Phosphorylation of protein kinase A (PKA) regulatory subunit RIα by protein kinase G (PKG) primes PKA for catalytic activity in cells

cAMP-dependent protein kinase (PKAc) is a pivotal signaling protein in eukaryotic cells. PKAc has two well-characterized regulatory subunit proteins, RI and RII (each having alpha and beta isoforms), which keep the PKAc catalytic subunit in a catalytically inactive state until activation by cAMP. Previous reports showed that the RI alpha regulatory subunit is phosphorylated by cGMP-dependent protein kinase (PKG) in vitro, whereupon phosphorylated RI alpha no longer inhibits PKAc at normal (1:1) stoichiometric ratios. However, the significance of this phosphorylation as a mechanism for activating type I PKA holoenzymes has not been fully explored, especially in cellular systems. In this study, we further examined the potential of RI alpha phosphorylation to regulate physiologically relevant "desensitization" of PKAc activity. First, the serine 101 site of RI alpha was validated as a target of PKGI alpha phosphorylation both in vitro and in cells.
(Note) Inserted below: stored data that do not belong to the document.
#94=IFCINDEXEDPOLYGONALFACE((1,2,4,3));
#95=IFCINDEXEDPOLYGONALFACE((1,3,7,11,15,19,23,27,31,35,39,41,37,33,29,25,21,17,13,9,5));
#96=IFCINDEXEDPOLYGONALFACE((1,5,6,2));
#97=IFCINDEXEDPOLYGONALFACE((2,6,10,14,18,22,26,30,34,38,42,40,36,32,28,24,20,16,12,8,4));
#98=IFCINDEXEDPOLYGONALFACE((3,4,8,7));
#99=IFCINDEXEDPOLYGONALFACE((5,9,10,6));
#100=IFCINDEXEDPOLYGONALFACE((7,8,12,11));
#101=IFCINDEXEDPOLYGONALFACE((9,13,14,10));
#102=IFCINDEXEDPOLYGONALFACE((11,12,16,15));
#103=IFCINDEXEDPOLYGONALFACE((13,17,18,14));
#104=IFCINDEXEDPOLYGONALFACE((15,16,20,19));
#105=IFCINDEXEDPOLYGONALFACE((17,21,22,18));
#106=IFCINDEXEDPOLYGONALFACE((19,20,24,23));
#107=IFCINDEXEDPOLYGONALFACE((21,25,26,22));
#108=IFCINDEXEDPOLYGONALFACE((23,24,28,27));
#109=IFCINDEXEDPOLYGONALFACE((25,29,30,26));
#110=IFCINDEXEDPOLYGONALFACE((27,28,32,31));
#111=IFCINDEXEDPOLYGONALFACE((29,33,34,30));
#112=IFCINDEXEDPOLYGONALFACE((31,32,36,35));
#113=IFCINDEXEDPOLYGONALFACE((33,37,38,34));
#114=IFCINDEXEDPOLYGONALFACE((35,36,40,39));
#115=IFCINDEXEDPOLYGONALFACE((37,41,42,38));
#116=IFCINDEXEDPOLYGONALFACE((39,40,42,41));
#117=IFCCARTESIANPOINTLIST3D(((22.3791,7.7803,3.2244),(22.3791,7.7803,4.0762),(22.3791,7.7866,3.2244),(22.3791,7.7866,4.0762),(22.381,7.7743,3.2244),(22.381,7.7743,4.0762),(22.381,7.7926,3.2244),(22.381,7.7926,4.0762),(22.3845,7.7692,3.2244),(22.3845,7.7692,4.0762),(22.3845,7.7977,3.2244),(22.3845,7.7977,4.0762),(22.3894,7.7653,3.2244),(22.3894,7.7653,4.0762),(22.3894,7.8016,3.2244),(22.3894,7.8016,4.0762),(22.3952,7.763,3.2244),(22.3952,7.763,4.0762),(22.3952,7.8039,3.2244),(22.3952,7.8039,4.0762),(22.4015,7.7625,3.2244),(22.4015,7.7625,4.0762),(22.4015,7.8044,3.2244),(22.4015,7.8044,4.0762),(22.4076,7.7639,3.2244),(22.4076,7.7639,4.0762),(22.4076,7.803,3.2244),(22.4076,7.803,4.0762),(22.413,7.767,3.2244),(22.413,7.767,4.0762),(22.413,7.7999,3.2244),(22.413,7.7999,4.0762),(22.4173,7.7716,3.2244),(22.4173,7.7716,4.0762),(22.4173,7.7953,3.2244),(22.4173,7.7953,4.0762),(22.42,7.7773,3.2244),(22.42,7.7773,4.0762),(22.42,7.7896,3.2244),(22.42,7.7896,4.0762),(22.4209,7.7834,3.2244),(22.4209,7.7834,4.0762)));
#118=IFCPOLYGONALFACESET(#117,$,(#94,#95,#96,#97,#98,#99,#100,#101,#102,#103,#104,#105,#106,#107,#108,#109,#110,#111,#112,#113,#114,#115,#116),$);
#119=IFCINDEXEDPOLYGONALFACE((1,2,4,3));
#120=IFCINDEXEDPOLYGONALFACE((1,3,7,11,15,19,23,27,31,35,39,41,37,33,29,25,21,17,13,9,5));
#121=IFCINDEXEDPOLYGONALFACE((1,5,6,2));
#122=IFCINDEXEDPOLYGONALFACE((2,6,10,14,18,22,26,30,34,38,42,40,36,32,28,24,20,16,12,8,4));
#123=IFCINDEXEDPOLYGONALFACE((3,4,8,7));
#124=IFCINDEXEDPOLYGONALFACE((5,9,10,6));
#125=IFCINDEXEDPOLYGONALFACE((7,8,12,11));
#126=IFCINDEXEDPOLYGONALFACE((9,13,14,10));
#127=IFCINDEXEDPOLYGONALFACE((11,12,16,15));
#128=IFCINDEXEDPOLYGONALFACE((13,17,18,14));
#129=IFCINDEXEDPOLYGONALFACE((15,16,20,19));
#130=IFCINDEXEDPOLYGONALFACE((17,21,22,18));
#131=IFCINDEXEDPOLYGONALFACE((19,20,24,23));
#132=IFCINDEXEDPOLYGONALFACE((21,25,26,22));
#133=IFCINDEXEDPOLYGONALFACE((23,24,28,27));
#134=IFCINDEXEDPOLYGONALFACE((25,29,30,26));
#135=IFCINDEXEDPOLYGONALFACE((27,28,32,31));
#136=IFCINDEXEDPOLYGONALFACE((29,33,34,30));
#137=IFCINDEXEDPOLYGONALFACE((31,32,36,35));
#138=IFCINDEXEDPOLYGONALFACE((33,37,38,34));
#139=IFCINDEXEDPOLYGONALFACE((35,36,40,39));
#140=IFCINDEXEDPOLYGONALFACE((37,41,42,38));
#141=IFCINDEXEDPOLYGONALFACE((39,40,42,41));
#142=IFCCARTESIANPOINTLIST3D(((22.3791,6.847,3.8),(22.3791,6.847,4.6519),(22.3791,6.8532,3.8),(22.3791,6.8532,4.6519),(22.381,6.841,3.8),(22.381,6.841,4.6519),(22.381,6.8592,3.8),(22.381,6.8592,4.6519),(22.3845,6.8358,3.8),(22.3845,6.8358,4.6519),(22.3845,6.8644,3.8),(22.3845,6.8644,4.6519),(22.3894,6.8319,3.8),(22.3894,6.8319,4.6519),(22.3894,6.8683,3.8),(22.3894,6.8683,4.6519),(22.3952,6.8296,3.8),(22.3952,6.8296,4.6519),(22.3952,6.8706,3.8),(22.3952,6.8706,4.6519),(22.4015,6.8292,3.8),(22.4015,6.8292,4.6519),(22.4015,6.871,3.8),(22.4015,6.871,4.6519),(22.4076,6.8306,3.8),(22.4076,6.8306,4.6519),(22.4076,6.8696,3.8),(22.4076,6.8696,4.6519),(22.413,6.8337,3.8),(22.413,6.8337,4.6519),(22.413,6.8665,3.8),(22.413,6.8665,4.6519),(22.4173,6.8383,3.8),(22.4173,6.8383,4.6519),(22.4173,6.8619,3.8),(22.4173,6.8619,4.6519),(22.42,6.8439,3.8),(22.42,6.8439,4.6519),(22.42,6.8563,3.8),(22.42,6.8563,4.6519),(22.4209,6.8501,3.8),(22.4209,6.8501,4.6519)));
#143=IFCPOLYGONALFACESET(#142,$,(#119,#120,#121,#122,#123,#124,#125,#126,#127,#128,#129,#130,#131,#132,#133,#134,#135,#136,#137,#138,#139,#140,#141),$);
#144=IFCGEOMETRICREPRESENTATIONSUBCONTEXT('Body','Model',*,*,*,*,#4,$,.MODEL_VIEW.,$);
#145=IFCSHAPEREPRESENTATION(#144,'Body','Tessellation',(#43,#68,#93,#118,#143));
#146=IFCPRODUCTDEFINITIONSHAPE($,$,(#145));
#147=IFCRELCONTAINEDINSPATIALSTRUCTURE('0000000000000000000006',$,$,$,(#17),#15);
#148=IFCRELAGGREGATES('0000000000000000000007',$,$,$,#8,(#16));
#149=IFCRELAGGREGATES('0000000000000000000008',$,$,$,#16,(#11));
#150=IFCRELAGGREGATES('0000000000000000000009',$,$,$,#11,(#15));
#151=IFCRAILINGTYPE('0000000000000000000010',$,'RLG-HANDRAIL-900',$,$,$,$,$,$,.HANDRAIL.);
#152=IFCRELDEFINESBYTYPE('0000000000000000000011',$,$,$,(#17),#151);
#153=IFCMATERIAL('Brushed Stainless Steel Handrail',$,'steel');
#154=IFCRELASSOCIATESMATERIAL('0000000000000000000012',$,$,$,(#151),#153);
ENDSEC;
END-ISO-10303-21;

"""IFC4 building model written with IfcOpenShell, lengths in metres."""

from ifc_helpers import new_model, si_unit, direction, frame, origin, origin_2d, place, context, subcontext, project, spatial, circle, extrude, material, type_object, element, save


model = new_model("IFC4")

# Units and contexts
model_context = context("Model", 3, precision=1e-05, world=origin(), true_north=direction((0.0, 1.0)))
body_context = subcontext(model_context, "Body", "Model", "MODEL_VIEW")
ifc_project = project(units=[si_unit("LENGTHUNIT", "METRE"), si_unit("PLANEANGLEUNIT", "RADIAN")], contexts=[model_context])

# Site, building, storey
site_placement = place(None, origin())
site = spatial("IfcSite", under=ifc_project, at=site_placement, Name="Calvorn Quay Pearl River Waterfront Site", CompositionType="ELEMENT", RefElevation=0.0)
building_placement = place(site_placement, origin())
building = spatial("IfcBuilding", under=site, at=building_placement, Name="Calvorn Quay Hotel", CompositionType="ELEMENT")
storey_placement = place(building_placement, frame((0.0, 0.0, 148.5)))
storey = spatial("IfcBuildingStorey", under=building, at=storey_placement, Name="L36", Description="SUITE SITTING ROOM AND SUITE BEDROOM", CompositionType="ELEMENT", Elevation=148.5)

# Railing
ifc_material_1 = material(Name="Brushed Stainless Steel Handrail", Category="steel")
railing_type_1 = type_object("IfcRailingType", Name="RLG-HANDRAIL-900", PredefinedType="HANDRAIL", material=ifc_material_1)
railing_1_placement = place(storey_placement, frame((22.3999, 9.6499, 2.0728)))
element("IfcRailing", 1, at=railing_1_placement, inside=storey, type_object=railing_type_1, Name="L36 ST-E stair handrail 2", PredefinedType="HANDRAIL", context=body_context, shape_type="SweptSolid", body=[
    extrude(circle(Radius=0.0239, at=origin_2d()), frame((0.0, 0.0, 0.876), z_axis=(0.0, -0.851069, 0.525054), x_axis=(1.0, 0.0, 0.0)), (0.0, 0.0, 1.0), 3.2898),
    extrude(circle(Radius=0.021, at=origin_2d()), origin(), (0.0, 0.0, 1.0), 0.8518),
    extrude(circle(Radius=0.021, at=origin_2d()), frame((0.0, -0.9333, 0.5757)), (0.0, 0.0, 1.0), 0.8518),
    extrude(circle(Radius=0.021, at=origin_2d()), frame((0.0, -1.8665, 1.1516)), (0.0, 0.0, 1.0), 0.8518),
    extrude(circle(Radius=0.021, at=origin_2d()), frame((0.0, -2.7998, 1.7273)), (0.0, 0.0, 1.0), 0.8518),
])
Analysis of a phosphomimetic substitution in RI alpha (S101E) showed that modification of this site increases PKAc activity in vitro and in cells, even without cAMP stimulation. Numerous techniques were used to show that although Ser(101) variants of RI alpha can bind PKAc, the modified linker region of the S101E mutant has a significantly reduced affinity for the PKAc active site. These findings suggest that RI alpha phosphorylation may be a novel mechanism to circumvent the requirement of cAMP stimulus to activate type I PKA in cells. We have thus proposed a model to explain how PKG phosphorylation of RI alpha creates a "sensitized intermediate" state that is in effect primed to trigger PKAc activity.